Конечно, у Пушкина были серьезные основания утверждать, что смысл стихотворения, определяемый творческим «намерением» автора, не сводится к выражению политического радикализма, но правда и то, что в контексте пушкинского публичного поведения весны 1821 года стихотворение выглядело как вызывающе революционное[242].
Если до конца марта 1821 года оппозиция Пушкина по отношению к «порядку вещей» не имела ярко выраженного публичного характера, то с конца марта 1821 года она этот характер приобрела, напоминая то «площадное вольнодумство», в котором А. И. Тургенев винил поэта в последние месяцы его петербургской жизни.
Именно к весне 1821 года относится донесение секретных агентов о том, что «Пушкин ругает публично и даже в кофейных домах не только военное начальство, но даже и правительство»[243]. Кишиневский собеседник поэта П. И. Долгоруков оставил свидетельство о, пожалуй, самом радикальном выражении «площадного вольнодумства» Пушкина, сделанном поэтом среди кишиневских чиновников, за столом у И. Н. Инзова: «На дворян русских особенно нападал Пушкин. Их надобно всех повесить, а если б это было, то он с удовольствием затягивал бы петли»[244]. Несомненно, такого рода высказывания (хотя мы и не утверждаем, что именно это) заставили современников приписать Пушкину авторство следующего четверостишия: «Мы добрых граждан позабавим / И у позорного столпа / Кишкой последнего попа / Последнего царя удавим» (II, 488), которое, как определенно доказал В. Д. Рак[245], Пушкину не принадлежало.

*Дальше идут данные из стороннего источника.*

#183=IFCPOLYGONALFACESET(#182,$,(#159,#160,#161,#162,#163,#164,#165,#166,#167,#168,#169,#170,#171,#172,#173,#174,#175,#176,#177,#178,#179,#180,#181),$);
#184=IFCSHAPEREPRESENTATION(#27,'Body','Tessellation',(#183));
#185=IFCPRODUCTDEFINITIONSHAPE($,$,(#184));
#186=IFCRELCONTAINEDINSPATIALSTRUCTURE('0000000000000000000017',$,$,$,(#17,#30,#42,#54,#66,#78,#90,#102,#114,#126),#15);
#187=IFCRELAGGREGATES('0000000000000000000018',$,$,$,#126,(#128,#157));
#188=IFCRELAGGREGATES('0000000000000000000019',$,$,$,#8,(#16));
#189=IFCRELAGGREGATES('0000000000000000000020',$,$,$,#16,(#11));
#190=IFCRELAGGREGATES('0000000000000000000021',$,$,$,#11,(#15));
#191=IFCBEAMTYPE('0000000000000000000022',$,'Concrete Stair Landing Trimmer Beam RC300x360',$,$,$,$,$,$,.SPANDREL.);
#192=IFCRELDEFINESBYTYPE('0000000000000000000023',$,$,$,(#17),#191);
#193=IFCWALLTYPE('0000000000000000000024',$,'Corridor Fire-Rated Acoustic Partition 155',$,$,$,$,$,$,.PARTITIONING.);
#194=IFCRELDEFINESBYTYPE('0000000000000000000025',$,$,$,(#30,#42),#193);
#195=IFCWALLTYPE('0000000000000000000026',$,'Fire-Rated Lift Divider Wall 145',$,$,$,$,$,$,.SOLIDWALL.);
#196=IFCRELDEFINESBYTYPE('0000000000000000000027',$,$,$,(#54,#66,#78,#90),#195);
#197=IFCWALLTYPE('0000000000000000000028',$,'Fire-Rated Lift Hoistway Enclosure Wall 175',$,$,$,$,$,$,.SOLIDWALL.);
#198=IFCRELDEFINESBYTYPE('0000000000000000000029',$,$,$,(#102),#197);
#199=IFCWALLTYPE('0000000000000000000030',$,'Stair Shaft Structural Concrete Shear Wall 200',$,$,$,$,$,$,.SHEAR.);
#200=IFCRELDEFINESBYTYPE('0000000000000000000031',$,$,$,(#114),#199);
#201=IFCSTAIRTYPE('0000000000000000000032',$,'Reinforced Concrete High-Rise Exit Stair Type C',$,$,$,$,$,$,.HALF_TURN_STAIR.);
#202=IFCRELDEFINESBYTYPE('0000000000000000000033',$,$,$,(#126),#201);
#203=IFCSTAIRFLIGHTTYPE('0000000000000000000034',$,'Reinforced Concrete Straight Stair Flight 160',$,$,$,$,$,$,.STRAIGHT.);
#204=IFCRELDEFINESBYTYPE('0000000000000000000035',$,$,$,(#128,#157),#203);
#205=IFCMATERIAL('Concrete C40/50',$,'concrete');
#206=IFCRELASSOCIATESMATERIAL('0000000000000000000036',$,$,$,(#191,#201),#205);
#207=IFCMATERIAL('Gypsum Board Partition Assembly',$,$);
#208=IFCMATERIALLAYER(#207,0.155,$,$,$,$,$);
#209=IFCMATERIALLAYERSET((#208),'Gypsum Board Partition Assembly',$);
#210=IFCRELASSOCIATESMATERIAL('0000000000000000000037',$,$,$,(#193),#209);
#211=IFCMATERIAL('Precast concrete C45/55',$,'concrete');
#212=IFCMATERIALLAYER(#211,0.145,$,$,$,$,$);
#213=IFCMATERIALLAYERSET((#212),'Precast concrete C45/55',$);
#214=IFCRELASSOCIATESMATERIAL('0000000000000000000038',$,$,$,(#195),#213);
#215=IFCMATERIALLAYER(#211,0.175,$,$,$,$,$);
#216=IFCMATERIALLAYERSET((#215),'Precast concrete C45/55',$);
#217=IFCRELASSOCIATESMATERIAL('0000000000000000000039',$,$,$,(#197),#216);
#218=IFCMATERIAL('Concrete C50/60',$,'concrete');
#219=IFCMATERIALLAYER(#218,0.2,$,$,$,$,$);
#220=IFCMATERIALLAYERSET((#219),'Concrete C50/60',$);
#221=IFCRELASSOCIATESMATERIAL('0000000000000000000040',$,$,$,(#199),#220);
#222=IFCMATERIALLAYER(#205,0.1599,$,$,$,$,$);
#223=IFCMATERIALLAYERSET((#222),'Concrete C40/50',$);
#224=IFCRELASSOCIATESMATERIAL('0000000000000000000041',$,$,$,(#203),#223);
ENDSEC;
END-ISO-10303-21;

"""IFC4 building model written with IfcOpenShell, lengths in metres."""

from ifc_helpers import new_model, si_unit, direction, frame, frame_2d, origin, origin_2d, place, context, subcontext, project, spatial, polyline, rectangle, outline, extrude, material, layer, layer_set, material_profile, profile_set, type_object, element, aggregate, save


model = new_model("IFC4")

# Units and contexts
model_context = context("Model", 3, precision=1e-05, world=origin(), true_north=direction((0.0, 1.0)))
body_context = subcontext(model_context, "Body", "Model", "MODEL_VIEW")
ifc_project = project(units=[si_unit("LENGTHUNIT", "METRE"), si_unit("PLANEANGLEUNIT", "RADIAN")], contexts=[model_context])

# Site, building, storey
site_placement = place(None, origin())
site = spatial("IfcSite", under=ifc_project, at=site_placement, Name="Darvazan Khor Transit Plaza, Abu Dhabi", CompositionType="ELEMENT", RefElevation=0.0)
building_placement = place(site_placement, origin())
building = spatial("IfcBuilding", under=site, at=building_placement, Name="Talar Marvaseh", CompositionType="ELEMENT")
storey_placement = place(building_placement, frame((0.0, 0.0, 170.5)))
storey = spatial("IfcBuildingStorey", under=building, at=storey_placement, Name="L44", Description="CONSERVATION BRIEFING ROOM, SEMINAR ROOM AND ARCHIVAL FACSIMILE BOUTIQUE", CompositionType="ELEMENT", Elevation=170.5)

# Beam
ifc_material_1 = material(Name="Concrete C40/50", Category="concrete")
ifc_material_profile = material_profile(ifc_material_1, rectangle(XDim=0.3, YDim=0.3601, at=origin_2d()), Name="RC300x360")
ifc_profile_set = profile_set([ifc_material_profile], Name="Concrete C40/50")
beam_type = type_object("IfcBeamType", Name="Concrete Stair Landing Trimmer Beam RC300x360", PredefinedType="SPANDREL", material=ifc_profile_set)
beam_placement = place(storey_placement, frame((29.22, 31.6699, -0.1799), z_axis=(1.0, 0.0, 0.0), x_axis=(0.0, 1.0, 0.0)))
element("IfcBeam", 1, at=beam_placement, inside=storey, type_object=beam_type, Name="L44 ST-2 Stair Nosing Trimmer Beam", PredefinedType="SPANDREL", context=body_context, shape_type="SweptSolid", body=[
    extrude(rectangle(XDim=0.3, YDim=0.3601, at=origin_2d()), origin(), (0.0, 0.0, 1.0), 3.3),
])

Поступки поэта публика приравнивала к его творчеству. Более того, весной 1821 года реакция на поступки поэта опережала реакцию публики на его произведения, поскольку широкий круг русских читателей начала двадцатых годов мог судить об оппозиционном настроении поэта (особенно в конфессиональной сфере) исключительно по его поступкам. Дело в том, что вольнолюбивые его произведения («Кинжал», «Вольность», «Деревня», эпиграммы, дружеские послания) были известны относительно узкому кругу лиц, тогда как экстравагантные поступки сразу становились достоянием самой широкой публики. Пав. П. Вяземский вспоминал:
Сведения о каждом его ‹Пушкина› шаге сообщались во все концы России. Пушкин так умел обставить все свои выходки, что на первых порах самые лучшие его друзья приходили в ужас и распускали вести под этим первым впечатлением. Нет сомнения, что Пушкин производил и смолоду впечатление на всю Россию не одним своим поэтическим талантом. Его выходки много содействовали его популярности, и самая загадочность его характера обращала внимание на человека, от которого всегда можно было ожидать неожиданное[246].
Важнейшим средством самовыражения Пушкина этого периода стала переписка, своеобразный синтез творчества и поведения. Именно здесь тема изгнания получила наиболее «кощунственное» выражение. Так, в письме А. И. Тургеневу от 7 мая 1821 года, в котором содержится просьба вернуть его из ссылки, поэт называет Кишинев островом Пафмосом, а себя самого — пишущим «сочинение во вкусе Апокалипсиса», имея в виду «Гавриилиаду». При этом поэту важно подчеркнуть и то, что он, подобно Иоанну, сослан, и то, что и на него, как на Иоанна, снизошел Святой Дух.
А о том, что его при написании «Гавриилиады» «Всевышний осенил Своей небесной благодатью» (2, 203), поэт говорит в стихотворном наброске «Вот Муза, резвая болтунья…», который, по атрибуции С. М. Бонди, есть черновик послания Вяземскому при посылке «Гавриилиады» и также датируется маем 1821 года (II, 1099).
Именно весной 1821 года, в ту пору, когда поведение поэта носит характер шокирующего современников кощунства, поэтическое вдохновение сравнивается с «огнем небесным» (2, 183). Нам представляется, что это не просто кощунство; протест, выражаемый поведением Пушкина, далеко выходил за политические рамки и носил богоборческий характер, не случайно временем для него были выбраны Страстная неделя и Пасха. Осознание того, что он обманут и обречен жить в Кишиневе, вместо того чтобы быть возвращенным в Петербург, заставили Пушкина вести себя столь вызывающим образом. Весной 1820 года тактика вызова привела к тому, что Пушкин сумел защитить свое доброе имя от инсинуаций. Но тогда объектом его действий были только «земные власти». Теперь же, весной 1821 года, недовольство судьбой столь велико, что Пушкин бросает вызов и «небесному царю». И это мало похоже на афеизм или на ритуальное пасхальное кощунство, это поведение человека, ощущавшего с Всевышним свою связь и осмелившегося напомнить Ему о Его неправоте. Если не генетически, то типологически такое поведение сродни поведению Иова.